Geospatial modelling of rainfall erosivity in the humid tropics using remotely sensed data

Intense rainfall events characterise the humid tropical small island developing states (HuT-SIDS). Therefore, appropriate computation of rainfall erosivity is essential in predicting soil loss in the face of climate change. The rainfall erosivity index is calculated using kinetic energy and rainfall intensity of individual storm events requiring data that are often unavailable in HuT-SIDS. The objectives of our study were: (i) to investigate event-based rainfall erosivity using two erosive rainfall indices; and (ii) to create iso-erodent lines using Global Precipitation Measurement Integrated Multi-satellite Retrievals (GPM IMERG).

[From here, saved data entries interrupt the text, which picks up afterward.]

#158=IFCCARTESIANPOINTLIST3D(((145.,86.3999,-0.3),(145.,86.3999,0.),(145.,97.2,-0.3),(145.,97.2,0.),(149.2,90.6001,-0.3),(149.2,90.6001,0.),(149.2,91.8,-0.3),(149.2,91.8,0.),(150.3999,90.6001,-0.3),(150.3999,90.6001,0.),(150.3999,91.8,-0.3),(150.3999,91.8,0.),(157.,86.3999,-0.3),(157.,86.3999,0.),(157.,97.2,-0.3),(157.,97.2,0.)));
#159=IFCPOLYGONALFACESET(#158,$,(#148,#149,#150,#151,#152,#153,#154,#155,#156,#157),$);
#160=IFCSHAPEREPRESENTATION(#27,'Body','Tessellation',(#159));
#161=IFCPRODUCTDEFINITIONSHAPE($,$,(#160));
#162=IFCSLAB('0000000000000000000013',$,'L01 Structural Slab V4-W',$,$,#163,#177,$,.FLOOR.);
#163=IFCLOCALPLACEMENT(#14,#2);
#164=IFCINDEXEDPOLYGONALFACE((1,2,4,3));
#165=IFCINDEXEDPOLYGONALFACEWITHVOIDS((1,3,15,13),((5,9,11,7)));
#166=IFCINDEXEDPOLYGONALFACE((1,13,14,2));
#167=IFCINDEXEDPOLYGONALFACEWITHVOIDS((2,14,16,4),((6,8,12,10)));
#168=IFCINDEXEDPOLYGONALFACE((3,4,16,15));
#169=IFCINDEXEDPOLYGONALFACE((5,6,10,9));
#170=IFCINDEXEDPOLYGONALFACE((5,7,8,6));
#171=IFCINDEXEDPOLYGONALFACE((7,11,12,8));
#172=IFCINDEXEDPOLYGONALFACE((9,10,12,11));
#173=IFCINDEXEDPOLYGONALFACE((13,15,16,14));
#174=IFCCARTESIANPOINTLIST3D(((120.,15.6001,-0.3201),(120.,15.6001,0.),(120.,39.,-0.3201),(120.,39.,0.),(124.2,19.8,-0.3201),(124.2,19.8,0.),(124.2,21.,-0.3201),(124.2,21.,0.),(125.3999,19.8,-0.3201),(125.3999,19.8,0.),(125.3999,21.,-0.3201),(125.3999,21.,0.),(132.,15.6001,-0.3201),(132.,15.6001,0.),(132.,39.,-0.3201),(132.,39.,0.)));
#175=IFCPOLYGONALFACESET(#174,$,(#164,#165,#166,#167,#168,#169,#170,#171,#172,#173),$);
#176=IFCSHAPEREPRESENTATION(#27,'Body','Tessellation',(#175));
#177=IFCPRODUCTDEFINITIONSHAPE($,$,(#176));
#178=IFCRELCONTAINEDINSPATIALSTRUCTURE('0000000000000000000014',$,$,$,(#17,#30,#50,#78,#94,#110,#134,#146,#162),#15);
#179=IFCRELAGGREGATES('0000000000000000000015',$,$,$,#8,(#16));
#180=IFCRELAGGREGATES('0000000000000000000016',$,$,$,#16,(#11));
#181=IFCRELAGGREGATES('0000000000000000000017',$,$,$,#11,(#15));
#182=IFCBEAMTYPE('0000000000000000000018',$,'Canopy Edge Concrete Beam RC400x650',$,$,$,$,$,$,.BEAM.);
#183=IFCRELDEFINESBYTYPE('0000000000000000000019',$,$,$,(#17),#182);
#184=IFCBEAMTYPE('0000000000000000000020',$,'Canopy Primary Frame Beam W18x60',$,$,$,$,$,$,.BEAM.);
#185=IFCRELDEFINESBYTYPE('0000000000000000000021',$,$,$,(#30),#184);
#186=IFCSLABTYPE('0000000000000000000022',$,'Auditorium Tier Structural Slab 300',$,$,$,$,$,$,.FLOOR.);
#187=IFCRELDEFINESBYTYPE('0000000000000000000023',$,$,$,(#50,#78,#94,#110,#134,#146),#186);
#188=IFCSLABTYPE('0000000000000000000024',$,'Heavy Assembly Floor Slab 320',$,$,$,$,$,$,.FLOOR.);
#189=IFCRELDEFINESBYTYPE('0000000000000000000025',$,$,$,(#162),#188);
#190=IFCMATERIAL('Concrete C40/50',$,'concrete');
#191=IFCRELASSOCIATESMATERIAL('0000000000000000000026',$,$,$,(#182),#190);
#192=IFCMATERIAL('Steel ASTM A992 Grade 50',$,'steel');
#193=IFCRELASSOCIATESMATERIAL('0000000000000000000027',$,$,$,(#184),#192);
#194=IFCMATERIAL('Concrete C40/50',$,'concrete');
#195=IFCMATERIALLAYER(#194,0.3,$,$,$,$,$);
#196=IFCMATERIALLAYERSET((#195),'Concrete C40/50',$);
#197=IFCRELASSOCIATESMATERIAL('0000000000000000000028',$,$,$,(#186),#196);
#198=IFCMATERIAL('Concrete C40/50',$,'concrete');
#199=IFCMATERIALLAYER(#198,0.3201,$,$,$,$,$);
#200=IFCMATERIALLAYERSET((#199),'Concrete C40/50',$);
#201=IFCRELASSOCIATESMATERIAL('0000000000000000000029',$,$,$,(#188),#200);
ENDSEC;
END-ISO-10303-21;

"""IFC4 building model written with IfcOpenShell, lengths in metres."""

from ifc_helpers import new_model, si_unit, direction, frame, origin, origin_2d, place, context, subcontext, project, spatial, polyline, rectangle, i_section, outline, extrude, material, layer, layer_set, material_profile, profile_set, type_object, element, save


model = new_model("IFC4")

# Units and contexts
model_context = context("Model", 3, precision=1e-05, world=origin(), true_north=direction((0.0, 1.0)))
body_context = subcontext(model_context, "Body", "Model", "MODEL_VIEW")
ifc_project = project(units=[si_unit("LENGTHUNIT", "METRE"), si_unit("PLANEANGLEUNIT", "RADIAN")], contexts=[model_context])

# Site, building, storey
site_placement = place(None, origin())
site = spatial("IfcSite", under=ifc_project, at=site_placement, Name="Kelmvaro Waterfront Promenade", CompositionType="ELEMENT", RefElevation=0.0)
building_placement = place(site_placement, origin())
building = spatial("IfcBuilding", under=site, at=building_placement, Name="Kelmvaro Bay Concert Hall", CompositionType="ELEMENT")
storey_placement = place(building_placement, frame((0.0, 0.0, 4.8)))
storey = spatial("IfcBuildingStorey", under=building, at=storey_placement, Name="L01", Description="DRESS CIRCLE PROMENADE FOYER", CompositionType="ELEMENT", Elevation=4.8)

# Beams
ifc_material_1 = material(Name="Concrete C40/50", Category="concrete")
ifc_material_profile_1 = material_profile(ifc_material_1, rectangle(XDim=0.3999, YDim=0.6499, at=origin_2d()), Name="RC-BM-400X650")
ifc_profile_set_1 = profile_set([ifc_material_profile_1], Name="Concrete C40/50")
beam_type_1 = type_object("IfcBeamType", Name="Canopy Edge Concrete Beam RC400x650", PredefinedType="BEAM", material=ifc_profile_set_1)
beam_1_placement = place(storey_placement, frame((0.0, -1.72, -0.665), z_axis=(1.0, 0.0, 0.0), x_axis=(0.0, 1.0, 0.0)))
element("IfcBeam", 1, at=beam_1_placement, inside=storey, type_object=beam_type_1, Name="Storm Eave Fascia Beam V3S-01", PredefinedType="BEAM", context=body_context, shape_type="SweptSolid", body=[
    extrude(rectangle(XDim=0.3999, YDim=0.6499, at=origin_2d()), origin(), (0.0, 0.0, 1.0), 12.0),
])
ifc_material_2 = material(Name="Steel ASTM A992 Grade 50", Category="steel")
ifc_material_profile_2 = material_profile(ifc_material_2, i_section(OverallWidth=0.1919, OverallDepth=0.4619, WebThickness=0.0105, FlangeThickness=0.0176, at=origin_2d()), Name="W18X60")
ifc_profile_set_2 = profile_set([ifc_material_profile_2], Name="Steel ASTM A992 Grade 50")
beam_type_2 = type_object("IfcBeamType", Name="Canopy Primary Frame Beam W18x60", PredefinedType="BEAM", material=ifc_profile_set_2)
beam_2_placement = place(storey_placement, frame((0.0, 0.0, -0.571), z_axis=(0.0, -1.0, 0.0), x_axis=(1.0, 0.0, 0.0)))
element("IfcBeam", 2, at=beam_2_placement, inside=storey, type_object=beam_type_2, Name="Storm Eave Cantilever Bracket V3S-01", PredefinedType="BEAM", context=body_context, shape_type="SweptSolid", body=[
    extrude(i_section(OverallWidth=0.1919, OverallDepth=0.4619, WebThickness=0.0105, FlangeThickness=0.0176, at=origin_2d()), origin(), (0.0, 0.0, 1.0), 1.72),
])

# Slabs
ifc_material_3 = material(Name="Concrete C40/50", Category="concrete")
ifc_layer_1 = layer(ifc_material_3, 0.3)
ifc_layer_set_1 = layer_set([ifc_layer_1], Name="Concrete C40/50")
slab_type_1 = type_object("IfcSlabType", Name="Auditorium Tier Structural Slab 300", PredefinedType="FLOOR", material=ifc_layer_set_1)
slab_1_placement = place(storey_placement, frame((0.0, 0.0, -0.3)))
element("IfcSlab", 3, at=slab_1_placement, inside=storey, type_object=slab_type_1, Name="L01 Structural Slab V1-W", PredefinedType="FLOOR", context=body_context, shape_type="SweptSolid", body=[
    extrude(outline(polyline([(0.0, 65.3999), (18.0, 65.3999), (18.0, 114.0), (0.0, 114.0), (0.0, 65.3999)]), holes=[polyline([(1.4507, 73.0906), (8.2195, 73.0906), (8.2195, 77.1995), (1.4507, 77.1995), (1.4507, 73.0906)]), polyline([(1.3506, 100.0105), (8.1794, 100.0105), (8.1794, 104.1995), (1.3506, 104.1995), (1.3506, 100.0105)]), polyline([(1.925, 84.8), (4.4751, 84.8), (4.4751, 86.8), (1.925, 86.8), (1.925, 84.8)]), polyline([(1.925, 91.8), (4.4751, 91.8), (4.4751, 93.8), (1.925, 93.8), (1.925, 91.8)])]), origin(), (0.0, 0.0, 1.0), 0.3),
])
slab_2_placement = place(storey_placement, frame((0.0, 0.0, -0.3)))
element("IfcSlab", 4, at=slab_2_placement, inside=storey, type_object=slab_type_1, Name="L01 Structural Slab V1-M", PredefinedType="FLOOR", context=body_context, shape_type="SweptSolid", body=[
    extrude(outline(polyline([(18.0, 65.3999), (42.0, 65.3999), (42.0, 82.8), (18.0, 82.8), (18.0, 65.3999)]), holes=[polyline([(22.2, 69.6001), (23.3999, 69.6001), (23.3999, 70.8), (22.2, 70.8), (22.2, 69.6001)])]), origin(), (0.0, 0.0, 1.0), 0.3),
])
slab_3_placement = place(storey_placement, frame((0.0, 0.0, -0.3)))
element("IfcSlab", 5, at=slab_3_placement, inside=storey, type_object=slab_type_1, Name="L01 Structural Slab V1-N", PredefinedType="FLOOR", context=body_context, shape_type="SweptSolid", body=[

We developed a Storm Event Tool (SE-TOOL) in the ArcGIS environment using Python scripts to automate the processing of sub-hourly precipitation data. The methodological approach integrated Python Scripts, Model Builder, geostatistical analytics and GPM IMERG data to calculate the erosivity indices, offering a novel approach to soil loss modelling. The results showed that the mean EI30 index, the product of total storm kinetic energy (E) and its maximum continuous 30-min intensity (I30), was 5080 MJ-mm-/ha-h. The Kinetic Energy greater than 25 mm (KE >25) index, recorded a mean erosivity of 1928 MJ/ha. The difference between the GPM IMERG and the Automated Weather Station was not significant (t (30) = 2.07; p < 0.05, 0.67). EI30 was determined to be the more appropriate erosivity index for predicting soil loss in the HuT-SIDS. The integration of higher temporal and spatial resolution data and including all storm events above the 0 mm threshold, increased the model accuracy, providing baseline data for soil erosion risk assessment.